Recognizing Pneumonia in Real-World Chest X-rays with a Classifier Trained with Images Synthetically Generated by Nano Banana
Jiachuan Peng, Kyle Lam, Jianing Qiu
TL;DR
The paper investigates recognizing pneumonia in chest X-rays by training a classifier on synthetically generated CXRs produced by Nano Banana, testing its generalization on real-world datasets. A ResNet-50 model fine-tuned on cropped synthetic images achieves strong external validation metrics (AUROC up to 0.923 and 0.824; AUPR up to 0.913 and 0.900 on two datasets), demonstrating feasibility of synthetic data for medical AI development. The study highlights the importance of post-generation processing (cropping to remove watermarks) and shows that synthetic-data-trained models focus on clinically relevant lung regions, with additional analyses supporting discriminative feature learning. Nevertheless, limitations in prompt control, generalization to other domains, and regulatory/ethical considerations indicate that substantial validation and oversight are required before clinical deployment.
Abstract
We trained a classifier with synthetic chest X-ray (CXR) images generated by Nano Banana, the latest AI model for image generation and editing, released by Google.
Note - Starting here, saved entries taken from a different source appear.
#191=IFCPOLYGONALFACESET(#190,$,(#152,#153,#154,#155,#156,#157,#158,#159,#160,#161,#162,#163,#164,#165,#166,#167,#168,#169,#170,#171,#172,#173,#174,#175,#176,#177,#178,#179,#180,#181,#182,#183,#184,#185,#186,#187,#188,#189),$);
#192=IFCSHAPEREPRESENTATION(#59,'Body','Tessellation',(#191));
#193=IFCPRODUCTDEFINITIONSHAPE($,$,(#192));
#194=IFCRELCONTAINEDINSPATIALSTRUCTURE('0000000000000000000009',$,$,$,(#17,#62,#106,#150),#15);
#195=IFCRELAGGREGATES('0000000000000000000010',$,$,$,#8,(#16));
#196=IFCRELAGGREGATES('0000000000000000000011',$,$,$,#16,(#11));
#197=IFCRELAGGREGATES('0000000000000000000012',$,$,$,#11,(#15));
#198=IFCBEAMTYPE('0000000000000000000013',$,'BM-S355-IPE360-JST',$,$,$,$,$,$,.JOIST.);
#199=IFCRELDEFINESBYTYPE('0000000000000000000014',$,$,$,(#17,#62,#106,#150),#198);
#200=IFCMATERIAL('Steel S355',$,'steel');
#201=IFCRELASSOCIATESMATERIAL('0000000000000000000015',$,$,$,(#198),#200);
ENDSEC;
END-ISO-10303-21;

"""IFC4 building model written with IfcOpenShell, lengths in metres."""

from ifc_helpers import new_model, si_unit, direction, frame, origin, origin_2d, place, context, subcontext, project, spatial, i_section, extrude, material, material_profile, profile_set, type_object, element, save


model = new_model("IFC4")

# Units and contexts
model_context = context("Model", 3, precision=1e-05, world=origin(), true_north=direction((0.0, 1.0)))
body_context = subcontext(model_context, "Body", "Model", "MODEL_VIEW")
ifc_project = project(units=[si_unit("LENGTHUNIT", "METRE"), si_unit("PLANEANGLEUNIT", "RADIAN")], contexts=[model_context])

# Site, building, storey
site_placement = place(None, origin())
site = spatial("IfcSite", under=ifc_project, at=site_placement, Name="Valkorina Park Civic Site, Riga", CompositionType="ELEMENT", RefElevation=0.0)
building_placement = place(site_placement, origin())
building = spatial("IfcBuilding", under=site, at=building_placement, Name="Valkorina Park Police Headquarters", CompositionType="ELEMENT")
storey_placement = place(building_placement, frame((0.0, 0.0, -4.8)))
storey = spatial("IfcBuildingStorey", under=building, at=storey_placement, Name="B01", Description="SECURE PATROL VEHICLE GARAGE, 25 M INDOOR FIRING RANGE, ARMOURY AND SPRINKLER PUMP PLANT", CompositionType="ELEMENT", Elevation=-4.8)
When directly applied to real-world CXRs having only been trained with synthetic data, the classifier achieved an AUROC of 0.923 (95% CI: 0.919 - 0.927), and an AUPR of 0.900 (95% CI: 0.894 - 0.907) in recognizing pneumonia in the 2018 RSNA Pneumonia Detection dataset (14,863 CXRs), and an AUROC of 0.824 (95% CI: 0.810 - 0.836), and an AUPR of 0.913 (95% CI: 0.904 - 0.922) in the Chest X-Ray dataset (5,856 CXRs). These external validation results on real-world data demonstrate the feasibility of this approach and suggest potential for synthetic data in medical AI development. Nonetheless, several limitations remain at present, including challenges in prompt design for controlling the diversity of synthetic CXR data and the requirement for post-processing to ensure alignment with real-world data. However, the growing sophistication and accessibility of medical intelligence will necessitate substantial validation, regulatory approval, and ethical oversight prior to clinical translation.